Sprzęt posiada dwa gniazda USB-Thunderbolt oraz jedno klasyczne gniazdo USB 3.0 – co warte pochwały, tym bardziej, że z tym gniazdem jest różnie w przypadku innych laptopów. 
 
Minus za brak czytnika kart pamięci. Szczególnie przy mojej pracy, gdzie zdjęcia i materiały video są jednym z głównych elementów moich działań – trochę to przeszkadzało. 
 
 
Lecimy dalej, bo mi zaraz kolejne karmienie wejdzie na warsztat! 
 
14 mm. grubości, waga 1,37 kg. to parametry może nie typowo męskie ale w tej kategorii mniej znaczy więcej. 
 
No i przechodzimy do tematu konwertowania czyli tej chińskiej ósemki w technologicznej Yodze! 
 
O ile tabletu nie używam wcale, to przyznaję, że w obecnej sytuacji możliwość zrobienia z laptopa tego pierwszego sprawdziła się idealnie.
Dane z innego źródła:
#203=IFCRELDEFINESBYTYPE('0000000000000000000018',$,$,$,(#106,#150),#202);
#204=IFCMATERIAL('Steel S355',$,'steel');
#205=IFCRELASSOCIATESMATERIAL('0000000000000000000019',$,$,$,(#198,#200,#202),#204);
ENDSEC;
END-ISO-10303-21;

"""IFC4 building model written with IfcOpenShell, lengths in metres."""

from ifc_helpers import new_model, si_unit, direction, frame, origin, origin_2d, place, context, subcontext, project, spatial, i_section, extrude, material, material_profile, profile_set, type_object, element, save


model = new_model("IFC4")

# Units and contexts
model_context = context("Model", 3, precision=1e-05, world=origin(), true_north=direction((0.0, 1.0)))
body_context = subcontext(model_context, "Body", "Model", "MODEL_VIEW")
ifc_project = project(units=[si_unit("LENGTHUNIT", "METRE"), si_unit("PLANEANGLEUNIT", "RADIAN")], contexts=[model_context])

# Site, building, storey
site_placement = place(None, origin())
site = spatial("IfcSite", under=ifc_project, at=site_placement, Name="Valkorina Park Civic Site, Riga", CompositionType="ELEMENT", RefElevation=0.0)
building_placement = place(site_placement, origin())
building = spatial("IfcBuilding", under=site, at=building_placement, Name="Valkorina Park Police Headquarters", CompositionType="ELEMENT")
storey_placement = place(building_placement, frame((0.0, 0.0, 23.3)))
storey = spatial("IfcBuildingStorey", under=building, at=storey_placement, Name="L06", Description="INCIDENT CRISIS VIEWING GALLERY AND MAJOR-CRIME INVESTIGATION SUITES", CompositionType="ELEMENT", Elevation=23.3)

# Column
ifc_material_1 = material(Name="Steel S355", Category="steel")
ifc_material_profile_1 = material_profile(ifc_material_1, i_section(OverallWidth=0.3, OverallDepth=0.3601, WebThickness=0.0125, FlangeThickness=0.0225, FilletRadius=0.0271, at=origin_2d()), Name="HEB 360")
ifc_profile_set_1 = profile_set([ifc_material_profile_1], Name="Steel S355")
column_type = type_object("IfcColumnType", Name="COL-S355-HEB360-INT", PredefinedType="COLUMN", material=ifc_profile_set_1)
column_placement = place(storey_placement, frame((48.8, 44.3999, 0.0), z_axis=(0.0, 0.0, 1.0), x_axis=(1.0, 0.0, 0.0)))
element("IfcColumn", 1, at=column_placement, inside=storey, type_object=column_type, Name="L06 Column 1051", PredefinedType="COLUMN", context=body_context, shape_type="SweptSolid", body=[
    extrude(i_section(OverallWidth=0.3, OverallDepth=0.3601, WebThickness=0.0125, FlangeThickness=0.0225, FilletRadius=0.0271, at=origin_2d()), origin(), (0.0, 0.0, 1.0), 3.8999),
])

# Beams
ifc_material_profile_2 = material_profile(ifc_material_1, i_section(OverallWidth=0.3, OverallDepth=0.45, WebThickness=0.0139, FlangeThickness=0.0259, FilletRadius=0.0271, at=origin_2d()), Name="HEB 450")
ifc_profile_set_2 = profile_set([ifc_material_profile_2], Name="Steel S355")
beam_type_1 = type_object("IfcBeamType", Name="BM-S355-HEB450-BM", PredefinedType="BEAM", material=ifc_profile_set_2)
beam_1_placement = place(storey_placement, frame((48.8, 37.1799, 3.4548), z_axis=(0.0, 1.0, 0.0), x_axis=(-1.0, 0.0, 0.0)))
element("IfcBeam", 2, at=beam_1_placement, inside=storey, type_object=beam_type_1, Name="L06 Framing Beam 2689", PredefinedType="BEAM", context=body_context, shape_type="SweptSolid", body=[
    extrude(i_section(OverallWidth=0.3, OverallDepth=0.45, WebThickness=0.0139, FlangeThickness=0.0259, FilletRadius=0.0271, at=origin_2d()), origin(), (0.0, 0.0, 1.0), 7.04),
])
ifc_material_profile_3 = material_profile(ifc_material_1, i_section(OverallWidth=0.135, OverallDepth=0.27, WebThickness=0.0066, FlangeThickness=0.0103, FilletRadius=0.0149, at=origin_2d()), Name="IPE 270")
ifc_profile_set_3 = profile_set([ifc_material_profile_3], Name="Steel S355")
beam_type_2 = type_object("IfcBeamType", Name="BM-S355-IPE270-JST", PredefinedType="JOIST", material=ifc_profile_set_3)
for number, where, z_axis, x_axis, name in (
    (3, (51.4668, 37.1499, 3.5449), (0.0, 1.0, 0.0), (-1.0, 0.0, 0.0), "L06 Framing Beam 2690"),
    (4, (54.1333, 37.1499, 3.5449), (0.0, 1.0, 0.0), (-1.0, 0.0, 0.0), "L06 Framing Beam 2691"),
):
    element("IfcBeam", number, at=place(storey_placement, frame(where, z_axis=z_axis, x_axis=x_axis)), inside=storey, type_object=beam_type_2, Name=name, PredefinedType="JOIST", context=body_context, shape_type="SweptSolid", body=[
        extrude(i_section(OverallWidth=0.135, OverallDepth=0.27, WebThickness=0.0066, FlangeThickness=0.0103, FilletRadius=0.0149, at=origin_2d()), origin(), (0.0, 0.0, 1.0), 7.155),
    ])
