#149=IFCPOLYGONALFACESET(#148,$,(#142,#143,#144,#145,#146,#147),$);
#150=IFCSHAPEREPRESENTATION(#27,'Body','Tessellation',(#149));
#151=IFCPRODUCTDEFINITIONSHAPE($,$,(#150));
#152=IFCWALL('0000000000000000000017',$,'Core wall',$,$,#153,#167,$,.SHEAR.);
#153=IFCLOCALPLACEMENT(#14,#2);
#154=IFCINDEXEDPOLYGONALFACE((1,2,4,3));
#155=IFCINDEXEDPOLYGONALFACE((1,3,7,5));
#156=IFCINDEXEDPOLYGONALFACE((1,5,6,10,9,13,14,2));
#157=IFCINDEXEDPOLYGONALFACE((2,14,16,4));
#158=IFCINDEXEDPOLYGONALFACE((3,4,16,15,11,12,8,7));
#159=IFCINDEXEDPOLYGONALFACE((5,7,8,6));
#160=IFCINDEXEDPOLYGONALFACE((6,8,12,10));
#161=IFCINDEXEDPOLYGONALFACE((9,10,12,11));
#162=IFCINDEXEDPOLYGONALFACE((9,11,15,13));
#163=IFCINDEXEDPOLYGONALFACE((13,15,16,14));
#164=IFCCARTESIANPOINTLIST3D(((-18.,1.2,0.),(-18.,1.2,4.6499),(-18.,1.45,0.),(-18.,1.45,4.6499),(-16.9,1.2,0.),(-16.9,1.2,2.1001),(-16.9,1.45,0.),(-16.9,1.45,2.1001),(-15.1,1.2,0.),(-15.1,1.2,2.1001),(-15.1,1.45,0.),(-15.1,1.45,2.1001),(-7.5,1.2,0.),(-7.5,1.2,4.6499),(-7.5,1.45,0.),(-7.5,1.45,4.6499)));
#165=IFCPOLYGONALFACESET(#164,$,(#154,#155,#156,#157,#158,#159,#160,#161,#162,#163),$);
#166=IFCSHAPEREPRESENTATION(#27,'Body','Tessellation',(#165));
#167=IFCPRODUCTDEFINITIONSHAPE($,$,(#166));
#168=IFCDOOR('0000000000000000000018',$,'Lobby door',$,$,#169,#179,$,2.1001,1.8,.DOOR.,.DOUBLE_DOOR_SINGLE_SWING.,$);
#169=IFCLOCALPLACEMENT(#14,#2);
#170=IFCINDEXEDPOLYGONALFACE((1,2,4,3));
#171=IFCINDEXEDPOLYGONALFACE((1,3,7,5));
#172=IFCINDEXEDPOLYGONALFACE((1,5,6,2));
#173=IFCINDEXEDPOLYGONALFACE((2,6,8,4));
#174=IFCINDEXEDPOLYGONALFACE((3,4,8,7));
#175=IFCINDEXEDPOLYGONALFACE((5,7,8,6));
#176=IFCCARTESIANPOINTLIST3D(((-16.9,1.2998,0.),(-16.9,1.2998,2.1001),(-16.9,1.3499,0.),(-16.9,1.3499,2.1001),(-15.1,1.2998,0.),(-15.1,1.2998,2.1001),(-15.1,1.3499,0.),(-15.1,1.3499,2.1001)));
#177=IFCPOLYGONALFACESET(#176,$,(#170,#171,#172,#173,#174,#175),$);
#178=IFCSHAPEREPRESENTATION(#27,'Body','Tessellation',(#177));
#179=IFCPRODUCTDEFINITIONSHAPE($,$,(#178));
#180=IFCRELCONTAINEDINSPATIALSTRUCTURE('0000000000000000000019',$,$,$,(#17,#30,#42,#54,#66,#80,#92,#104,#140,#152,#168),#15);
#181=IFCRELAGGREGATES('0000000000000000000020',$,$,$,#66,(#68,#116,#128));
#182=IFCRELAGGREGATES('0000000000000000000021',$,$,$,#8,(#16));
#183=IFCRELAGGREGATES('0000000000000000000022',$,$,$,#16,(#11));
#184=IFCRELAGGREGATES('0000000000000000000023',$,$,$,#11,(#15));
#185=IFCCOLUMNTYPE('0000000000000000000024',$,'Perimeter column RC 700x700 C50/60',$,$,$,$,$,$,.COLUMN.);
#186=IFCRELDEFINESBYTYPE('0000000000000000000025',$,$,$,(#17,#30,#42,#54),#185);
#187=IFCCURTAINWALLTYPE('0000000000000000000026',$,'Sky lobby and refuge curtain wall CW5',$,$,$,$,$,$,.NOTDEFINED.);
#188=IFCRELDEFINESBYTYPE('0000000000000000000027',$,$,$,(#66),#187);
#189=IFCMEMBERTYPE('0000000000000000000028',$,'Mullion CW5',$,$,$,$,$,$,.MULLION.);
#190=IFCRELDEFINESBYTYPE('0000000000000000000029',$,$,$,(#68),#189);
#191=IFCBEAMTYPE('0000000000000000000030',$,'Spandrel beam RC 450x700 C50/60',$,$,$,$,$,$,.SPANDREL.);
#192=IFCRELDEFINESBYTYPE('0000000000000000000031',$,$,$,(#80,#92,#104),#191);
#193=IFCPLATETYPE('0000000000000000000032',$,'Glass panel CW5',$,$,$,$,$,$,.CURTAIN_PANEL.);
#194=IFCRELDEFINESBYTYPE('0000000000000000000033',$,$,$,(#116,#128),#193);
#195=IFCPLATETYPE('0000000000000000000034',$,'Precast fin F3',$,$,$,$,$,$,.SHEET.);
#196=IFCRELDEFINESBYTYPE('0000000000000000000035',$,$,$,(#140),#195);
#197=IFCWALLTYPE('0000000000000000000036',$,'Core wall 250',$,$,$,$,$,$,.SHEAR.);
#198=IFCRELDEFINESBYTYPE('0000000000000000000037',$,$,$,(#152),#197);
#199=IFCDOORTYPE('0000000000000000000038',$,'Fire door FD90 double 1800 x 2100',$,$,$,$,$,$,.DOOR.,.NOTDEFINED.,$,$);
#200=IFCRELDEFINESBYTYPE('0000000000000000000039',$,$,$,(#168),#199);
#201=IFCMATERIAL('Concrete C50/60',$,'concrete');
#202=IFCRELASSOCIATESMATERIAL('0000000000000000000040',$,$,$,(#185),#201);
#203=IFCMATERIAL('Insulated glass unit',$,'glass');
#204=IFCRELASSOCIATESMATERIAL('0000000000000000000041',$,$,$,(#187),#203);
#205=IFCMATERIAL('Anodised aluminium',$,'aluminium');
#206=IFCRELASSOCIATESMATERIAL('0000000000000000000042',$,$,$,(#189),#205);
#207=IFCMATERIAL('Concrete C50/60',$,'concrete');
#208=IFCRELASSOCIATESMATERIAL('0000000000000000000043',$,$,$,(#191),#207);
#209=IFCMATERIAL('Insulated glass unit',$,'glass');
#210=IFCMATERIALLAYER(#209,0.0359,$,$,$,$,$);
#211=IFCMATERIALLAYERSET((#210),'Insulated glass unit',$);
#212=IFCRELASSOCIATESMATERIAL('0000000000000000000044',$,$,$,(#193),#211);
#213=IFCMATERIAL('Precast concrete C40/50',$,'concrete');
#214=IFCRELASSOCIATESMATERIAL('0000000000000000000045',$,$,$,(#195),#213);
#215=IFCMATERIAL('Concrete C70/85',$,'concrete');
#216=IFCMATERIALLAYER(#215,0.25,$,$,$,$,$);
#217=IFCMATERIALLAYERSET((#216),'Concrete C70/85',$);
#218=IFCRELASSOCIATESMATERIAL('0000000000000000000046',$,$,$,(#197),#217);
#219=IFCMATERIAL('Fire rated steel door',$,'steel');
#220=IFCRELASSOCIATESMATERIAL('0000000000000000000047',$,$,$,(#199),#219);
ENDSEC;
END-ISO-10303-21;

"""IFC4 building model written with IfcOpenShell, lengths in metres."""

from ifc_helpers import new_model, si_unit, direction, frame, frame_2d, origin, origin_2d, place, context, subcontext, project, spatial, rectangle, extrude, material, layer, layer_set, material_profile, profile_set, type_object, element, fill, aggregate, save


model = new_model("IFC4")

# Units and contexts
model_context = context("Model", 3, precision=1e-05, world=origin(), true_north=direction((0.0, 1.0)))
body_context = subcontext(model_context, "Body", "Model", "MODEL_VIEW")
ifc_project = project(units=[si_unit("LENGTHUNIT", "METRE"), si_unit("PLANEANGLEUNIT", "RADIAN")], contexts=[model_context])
Szczególnie kiedy Młody śpiewa w niebogłosy, ot, sprawdzając wytrzymałość sąsiadów. Więc ojciec musi leżeć i śpiewać z Młodym, co by było mu raźniej. 
 
Wtedy raz, dwa, laptop staje się tabletem, a ja tym samym mogłem dokończyć odpisywanie na maile niecierpiące zwłoki, czy „wrzucić” post o męskim milczeniu (czytaj TUTAJ
 
Co robią rodzicie jak dziecko zaśnie wiedzą tylko Ci wtajemniczeni! Ale powiem Wam, że wszystkie Netflixy, Showmaxy i pozostałe Jutuby smakują doskonale po całodniowej tyrce w fabryce pod szyldem “Kocham Cię nad życie ale proszę śpij i nie płacz tyle”. A z ekranem 4K przyjemność jest znacznie podwyższona. 
 
Tutaj też tablet sprawdził się idealnie. A że sprzęt ma głośniki od JBL’a z technologią Dolby Atmos to i dźwięk był miodem na skołatane uszy Starych. 
 
 
Dotykowy ekran daje się obsługiwać, a jakżeby inaczej – palcem, i tutaj trzeba liczyć się ze śladami na ekranie lub też rysikiem, wtedy o śladach możecie zapomnieć! Pamiętaj jednak o śladach historii przeglądania w swojej przeglądarce! 😉 W temacie rysika – jak Was natchnie wena to możecie sobie coś narysować i c
 
Niestety, kończąc testowanie Lenovo YOGA 920 Vibes nie zawinąłem się w „chińskie osiem” stałem się jednak oazą spokoju, wyciszonym kwiatem lotosu na tafli spokojnego jeziora. Bynajmniej do kolejnego testu strun głosowych mojego Pierworodnego!
 
Materiał powstał we współpracy z marką.